Zu den haftungsgegenständlichen Abgaben wurde Folgendes ausgeführt:
Lohnabgaben 2008 - 2011: Die Nachforderung habe sich durch eine nach der Konkurseröffnung durchgeführten Außenprüfung ergeben. Es sei mangels Vorlage von Unterlagen zu einer Schätzung gekommen. Der Beschwerdeführer sei bei der Prüfung nicht involviert gewesen und hätte mangels Unterlagen auch kein Rechtsmittel ergreifen können.
Umsatzsteuer 2, 5 und 7/2011: Mangels Vorlage von Unterlagen könne der Beschwerdeführer den Nachweis der Gläubigergleichbehandlung nicht erbringen. Er könne auch keinen Liquiditätsstatus zu den einzelnen Fälligkeitstagen erstellen. Da er für die buchhalterischen Belange nicht zuständig gewesen sei, könne ihm das Fehlen der Unterlagen nicht vorgeworfen werden.
Ein Finanzstrafverfahren gegen den Beschwerdeführer sei eingestellt worden.
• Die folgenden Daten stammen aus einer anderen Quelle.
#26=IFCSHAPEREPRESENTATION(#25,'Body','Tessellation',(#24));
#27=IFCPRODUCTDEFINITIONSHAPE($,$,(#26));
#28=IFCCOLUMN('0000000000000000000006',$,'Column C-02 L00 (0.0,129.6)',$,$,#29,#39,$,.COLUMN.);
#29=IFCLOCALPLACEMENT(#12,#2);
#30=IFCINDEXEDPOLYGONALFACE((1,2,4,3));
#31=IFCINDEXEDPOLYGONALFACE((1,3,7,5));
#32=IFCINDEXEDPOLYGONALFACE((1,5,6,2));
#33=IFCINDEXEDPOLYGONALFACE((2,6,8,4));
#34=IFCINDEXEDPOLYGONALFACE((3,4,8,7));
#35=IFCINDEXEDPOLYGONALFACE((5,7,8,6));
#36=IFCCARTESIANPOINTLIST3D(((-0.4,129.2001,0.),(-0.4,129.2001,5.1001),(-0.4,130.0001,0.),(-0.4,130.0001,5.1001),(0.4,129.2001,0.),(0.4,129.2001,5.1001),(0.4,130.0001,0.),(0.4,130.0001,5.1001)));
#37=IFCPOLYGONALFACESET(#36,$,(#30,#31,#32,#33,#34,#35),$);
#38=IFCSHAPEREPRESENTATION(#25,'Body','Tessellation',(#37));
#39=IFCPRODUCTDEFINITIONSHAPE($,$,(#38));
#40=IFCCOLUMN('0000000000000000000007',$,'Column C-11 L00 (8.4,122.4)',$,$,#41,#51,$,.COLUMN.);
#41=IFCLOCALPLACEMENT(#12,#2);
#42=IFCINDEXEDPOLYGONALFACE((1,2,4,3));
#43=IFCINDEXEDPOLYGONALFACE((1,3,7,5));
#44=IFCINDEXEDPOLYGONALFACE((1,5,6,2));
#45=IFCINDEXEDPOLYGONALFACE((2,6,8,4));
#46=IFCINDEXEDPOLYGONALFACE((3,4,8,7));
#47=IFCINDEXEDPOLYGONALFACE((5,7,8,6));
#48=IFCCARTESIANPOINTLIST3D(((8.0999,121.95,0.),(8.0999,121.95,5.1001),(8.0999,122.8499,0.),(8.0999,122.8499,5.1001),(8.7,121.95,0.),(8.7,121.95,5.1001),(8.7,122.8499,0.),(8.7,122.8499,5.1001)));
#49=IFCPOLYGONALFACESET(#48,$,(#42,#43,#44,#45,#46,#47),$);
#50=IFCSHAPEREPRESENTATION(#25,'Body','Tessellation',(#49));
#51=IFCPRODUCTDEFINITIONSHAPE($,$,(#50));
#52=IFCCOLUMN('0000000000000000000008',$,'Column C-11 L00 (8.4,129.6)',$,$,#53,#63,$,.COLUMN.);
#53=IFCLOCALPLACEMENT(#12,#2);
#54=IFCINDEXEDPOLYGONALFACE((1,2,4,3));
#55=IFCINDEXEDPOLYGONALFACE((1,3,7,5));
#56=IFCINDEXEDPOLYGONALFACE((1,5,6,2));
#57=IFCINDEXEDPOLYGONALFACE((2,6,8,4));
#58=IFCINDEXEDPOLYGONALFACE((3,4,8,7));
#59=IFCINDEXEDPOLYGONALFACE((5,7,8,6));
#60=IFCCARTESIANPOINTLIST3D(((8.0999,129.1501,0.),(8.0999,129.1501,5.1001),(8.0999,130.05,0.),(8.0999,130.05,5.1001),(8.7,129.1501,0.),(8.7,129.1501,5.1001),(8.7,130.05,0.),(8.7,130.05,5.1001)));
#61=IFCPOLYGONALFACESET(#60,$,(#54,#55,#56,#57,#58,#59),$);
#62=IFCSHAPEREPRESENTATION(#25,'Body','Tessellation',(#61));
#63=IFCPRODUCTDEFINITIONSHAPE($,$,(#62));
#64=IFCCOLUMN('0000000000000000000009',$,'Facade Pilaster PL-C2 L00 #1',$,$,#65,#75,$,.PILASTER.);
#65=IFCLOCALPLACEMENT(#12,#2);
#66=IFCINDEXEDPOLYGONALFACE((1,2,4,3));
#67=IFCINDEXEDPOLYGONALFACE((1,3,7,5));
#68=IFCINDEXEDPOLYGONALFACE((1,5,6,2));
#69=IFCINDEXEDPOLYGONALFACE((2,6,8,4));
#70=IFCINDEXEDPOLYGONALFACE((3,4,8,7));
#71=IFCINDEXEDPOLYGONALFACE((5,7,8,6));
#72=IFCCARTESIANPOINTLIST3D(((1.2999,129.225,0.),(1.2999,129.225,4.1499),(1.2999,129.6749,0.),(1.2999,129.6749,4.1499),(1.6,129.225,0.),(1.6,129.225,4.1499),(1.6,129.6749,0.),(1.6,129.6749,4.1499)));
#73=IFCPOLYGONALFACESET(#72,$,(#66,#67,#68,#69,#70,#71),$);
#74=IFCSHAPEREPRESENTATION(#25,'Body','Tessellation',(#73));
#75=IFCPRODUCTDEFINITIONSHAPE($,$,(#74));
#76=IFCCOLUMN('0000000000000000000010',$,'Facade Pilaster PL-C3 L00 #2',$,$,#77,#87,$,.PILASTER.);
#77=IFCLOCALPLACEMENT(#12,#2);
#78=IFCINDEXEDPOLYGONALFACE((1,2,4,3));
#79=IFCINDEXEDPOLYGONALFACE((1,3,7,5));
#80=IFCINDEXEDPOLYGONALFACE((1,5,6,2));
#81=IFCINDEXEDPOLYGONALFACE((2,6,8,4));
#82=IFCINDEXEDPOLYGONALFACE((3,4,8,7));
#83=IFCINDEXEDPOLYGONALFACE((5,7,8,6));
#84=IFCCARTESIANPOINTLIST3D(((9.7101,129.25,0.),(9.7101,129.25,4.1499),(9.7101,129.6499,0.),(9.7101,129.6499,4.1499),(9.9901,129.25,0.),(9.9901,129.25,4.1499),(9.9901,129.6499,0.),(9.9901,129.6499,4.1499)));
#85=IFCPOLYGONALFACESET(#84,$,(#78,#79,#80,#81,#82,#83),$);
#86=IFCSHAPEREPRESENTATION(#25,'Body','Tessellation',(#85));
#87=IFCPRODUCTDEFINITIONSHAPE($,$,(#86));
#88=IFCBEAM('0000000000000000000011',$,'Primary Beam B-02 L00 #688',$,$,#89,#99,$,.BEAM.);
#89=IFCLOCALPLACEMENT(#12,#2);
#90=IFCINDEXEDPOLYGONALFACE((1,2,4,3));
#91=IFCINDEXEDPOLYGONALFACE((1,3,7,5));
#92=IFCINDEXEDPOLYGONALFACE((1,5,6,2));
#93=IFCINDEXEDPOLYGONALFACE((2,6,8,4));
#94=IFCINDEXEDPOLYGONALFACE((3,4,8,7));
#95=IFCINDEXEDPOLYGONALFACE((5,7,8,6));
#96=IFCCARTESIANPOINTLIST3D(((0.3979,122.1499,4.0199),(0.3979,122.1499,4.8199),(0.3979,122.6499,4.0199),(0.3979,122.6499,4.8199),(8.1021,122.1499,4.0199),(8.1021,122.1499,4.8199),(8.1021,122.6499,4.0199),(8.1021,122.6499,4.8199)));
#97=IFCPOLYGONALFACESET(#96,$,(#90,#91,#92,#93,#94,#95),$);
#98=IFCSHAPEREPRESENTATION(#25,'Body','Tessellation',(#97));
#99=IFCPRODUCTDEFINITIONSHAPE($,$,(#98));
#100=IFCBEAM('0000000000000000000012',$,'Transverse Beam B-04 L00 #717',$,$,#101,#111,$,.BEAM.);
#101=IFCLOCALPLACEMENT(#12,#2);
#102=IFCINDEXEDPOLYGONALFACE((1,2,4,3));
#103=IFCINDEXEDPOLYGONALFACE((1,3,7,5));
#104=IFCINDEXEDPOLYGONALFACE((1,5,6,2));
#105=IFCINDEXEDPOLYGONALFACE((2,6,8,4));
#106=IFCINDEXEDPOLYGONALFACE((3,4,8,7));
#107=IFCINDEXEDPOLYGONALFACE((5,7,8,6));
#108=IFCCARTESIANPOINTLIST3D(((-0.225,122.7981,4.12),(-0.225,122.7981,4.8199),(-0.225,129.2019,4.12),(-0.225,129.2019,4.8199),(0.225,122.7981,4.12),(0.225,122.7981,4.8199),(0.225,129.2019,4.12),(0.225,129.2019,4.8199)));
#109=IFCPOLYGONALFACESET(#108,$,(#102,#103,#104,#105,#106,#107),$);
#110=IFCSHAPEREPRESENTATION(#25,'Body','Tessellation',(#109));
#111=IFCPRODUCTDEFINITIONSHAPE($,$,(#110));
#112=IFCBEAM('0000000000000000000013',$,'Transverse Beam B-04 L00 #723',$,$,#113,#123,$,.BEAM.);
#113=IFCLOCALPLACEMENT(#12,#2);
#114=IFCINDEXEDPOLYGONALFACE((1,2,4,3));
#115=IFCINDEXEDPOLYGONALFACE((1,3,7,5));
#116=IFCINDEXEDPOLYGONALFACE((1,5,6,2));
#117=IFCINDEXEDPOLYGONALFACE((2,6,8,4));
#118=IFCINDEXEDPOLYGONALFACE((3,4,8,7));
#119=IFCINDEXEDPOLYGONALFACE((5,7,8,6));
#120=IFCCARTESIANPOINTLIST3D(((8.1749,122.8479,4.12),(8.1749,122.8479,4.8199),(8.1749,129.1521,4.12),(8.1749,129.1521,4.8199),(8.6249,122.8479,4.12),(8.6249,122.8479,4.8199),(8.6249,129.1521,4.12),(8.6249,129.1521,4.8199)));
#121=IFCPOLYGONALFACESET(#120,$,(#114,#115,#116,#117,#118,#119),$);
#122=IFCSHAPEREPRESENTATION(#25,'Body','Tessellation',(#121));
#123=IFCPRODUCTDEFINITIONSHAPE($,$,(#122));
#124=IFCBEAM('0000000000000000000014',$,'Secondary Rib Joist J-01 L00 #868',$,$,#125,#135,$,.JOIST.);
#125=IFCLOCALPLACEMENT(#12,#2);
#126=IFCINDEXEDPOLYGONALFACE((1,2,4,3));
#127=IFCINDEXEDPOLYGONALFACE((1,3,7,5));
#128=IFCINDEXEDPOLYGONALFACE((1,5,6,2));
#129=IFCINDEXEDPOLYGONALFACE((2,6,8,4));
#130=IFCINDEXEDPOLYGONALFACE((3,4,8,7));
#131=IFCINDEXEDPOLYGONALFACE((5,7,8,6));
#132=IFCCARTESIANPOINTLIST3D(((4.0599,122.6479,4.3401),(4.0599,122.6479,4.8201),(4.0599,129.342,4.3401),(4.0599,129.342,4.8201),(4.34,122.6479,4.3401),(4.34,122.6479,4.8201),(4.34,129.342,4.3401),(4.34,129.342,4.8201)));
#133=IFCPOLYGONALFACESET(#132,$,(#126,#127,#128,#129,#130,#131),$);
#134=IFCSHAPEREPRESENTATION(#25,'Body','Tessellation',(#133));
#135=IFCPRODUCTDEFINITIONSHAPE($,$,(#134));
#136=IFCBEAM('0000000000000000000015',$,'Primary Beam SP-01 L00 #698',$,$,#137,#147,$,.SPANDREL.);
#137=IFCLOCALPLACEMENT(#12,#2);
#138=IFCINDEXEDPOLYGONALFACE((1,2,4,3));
Dies sei darauf zurückzuführen, dass der Beschwerdeführer mit Lohnverrechnung und Buchhaltung nicht befasst gewesen sei.
Aus den vorgelegten Unterlagen würde sich zweifelsfrei ergeben, dass die wirtschaftlichen Entscheidungen, die Führung der Bücher und der Lohnverrechnung sowie sämtliche abgabenrechtliche Verpflichtungen vom späteren handelsrechtlichen Geschäftsführer ***GF2*** wahrgenommen worden seien. Aufgrund der Aufgabentrennung könne der Beschwerdeführer nicht zur Haftung herangezogen werden.
Dem Schriftsatz beigelegt wurden ein Schreiben von ***GF2*** vom , Seite 1 des Schreibens des Masseverwalters vom , 1. Bericht des Masseverwalters vom , Schreiben der ***BankZ*** vom und das Erkenntnis des Spruchsenates vom jeweils in Kopie.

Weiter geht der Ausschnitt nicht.